This Python-based project is a command-line stock portfolio chatbot that allows users to record BUY and SELL trades and query portfolio performance using natural language. Trades are stored in MongoDB, live market prices are retrieved with yfinance, and profit and loss is calculated using average-cost accounting.
A lightweight LLM agent is used only to interpret user intent and route commands.
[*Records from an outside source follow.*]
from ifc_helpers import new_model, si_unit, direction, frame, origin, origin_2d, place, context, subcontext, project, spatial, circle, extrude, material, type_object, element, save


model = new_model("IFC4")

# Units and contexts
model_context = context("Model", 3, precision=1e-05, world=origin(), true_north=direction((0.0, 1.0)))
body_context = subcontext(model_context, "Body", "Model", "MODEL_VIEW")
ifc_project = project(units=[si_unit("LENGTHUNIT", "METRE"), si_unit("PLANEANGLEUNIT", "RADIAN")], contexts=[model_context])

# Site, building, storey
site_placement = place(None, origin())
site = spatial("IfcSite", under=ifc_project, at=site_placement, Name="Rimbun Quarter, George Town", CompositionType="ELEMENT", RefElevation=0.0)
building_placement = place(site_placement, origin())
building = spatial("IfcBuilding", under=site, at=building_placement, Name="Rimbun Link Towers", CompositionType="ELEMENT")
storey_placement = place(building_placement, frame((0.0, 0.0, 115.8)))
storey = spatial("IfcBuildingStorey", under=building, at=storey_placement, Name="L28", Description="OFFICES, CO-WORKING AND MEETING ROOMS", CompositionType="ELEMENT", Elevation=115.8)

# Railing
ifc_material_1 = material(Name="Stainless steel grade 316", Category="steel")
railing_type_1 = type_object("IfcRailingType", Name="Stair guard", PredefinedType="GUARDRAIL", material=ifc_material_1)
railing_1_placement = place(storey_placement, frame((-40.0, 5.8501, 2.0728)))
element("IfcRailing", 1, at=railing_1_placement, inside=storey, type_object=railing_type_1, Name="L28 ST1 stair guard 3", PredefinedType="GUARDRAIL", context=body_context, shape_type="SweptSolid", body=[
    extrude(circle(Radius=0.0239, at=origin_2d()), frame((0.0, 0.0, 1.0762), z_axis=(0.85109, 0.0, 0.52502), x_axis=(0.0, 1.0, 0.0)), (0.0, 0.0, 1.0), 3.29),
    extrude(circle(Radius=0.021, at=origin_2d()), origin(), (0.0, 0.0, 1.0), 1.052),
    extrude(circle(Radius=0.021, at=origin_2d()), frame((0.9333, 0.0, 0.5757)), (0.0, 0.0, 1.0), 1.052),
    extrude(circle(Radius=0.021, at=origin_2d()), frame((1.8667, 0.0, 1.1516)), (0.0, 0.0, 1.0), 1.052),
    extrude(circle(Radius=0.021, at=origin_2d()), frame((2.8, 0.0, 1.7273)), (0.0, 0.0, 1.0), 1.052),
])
All financial calculations are handled explicitly in code to ensure correctness and reproducibility.
- You enter a trade or portfolio question in natural language.
- The system records trades as transactions in MongoDB.
- It retrieves live market prices when needed.
- It calculates realized and unrealized profit using average-cost logic.
- It returns per-stock or total portfolio results.
All interactions run locally from the terminal using Python.
I bought 10 NVDA at 120
I sold 3 NVDA at 150
What's my profit on NVDA?
What's my total portfolio profit?
portfolio_bot/
│
├── main.py
├── llm_agent/
│ ├── agent.py
│ └── tools.py
├── core/
│ ├── db.py
│ ├── portfolio_logic.py
│ └── __init__.py
└── requirements.txt
- Python 3.9+
- MongoDB (local or remote)
- pip (Python package manager)
- langchain
- openai
- yfinance
- pymongo
- pandas
- numpy
- python-dotenv
All dependencies are listed in requirements.txt.
From the project root:
pip install -r requirements.txt
python main.pyEnsure MongoDB is running and accessible via the configured URI.
Create a .env file in the project root:
OPENAI_API_KEY=your_openai_api_key
MONGO_URI=mongodb://localhost:27017
LLM_MODEL=gpt-4.1-miniThe .env file is excluded from version control.